The study particularly explored the impact of depressive symptoms and loss of appetite on the under nutrition among HIV patients on ART in Goma, a post conflict setting. We further hypothesize that depressive symptoms are related to under nutrition mainly in persons with loss of appetite among HIV under ARTMethodology
Study design, participants and setting
This Goma multicenter cross-sectional study was carried out from February 1st to March 3rd, 2016. Goma, the capital city of the North Kivu province had an estimated population of 725,000 in 2015 [20] and an HIV prevalence in the adult population of 0.9% [21]. The city has experienced armed conflict since 1996 and there are still areas where the conflict has not yet come to an end. In Goma in 2015, 10 health centers were providing HIV care and treatment services [20], providing ART for a total of 3,586 patients aged 15 years and above. This survey included patients from five of these centers: Heal Africa Hospital (512 patients), Virunga Hospital (812 patients), the Charity Hospital (132 patients), General Military Hospital (77 patients) and Goma Provincial Referral Hospital (1,099 patients) [20]. None of these facilities provided food or any kind of nutrition support to patients. All of the hospitals had been providing HIV care for more than one year at the time of the study.

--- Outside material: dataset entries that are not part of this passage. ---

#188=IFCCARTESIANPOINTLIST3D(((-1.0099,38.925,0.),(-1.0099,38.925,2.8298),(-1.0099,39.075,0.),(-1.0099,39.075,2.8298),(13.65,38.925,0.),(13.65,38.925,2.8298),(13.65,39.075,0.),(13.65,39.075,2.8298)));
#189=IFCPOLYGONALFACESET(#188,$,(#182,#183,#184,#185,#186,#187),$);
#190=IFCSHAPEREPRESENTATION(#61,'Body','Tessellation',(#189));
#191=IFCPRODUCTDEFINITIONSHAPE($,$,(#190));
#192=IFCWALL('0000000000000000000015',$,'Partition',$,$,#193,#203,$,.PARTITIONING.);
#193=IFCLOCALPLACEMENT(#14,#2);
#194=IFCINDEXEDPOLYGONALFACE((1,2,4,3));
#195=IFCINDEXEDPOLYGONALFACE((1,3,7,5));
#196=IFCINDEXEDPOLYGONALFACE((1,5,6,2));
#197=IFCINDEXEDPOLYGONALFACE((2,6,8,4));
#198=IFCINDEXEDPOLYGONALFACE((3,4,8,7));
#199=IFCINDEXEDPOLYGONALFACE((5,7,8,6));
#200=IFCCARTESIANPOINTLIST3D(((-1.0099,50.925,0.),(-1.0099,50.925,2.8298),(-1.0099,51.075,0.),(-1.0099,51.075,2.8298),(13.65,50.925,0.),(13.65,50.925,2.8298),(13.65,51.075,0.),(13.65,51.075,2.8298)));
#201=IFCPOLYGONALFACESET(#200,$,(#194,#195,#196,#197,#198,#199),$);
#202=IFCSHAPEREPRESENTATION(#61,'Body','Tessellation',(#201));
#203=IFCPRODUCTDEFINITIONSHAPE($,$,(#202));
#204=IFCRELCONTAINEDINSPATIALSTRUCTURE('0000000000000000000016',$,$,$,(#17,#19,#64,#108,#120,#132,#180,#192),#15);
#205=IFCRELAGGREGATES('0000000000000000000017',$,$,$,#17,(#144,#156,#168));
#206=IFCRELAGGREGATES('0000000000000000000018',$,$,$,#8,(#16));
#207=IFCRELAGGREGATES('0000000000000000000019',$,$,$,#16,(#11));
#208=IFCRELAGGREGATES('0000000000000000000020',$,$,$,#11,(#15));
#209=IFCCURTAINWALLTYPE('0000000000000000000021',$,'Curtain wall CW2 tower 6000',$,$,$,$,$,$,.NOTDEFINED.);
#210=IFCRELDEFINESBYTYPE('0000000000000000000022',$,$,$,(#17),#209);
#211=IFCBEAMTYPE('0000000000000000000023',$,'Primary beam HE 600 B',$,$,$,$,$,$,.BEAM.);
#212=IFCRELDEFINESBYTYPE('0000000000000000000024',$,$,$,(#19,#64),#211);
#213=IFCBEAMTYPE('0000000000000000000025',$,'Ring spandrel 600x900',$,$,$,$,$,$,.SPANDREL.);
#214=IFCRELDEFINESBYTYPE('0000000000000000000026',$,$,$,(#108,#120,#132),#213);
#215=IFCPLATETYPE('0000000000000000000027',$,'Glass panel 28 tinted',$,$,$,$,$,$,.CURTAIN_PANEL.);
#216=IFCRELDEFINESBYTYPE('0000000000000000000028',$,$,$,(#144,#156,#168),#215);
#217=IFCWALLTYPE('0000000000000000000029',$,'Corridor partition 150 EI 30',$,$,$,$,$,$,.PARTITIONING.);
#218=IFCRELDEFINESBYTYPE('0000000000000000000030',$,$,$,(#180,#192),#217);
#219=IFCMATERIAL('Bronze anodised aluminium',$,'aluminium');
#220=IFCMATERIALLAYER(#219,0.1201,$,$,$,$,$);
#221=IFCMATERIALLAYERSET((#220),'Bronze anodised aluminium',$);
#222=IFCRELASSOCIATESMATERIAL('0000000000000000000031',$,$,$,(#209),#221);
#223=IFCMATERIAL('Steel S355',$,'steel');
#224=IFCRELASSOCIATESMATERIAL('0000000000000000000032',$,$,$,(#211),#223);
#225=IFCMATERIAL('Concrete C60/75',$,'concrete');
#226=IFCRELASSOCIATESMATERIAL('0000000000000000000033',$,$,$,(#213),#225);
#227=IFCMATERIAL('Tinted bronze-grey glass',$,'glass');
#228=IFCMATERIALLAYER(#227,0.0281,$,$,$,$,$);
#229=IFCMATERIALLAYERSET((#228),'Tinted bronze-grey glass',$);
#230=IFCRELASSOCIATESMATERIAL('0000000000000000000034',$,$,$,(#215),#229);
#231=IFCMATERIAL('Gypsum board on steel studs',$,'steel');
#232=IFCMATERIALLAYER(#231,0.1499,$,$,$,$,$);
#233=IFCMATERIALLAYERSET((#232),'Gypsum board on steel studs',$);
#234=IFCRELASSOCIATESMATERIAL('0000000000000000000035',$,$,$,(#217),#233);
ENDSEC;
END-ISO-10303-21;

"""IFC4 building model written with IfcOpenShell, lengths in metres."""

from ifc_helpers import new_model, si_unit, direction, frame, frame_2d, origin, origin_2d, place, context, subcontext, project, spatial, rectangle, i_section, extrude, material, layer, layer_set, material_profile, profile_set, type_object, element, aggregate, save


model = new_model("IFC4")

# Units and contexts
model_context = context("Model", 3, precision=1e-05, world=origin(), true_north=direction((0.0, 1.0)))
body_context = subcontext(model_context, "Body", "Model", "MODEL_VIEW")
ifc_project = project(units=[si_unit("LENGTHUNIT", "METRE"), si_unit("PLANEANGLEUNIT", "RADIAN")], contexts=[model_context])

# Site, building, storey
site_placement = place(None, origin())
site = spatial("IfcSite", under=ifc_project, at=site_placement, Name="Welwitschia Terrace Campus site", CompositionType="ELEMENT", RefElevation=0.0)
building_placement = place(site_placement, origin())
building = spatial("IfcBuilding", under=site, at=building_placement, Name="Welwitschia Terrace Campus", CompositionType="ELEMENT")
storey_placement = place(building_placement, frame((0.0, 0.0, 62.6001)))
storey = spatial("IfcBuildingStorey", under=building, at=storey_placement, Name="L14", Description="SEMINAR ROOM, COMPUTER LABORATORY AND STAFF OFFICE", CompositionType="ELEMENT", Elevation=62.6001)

Participants were included in the study provided that they were at least 18 years old, on ART for at least 6 months, and had given written informed consent. Participants were interviewed during their routine visits to the treatment center from February 1st to March 3rd, 2016. The questionnaire was translated into French and Swahili and piloted in a sample of 20 respondents (not included in the final analysis). The interviews were conducted in French or Swahili, the most commonly used languages in Goma. The interviewers were provided guidance on questionnaire administration over two training sessions, which were organized by the research team. Participants were compensated for their time and transportation with an amount of 2 US dollars.
Sample size determination
This sample size was calculated to correctly assess the proportion of HIV-infected individuals with depressive symptoms, of 18.8% [22]. The power calculation used the Kish-Leslie formula, with a 5% level of precision, a confidence interval (CI) of 95%. The minimal required sample size was 235. We added 10% for contingency and a total of 367 patients were invited to participate in the study.
Measures
Primary outcome: The primary outcome of interest was the nutritional status, which was assessed using Body Mass Index (BMI) as a proxy. Participant height and weight were measured. A BMI (weight (kg) / [height (m)]2) of <18.5 was classified as under nutrition. The outcome was expressed as prevalence (%) of under nutrition among treated HIV patients.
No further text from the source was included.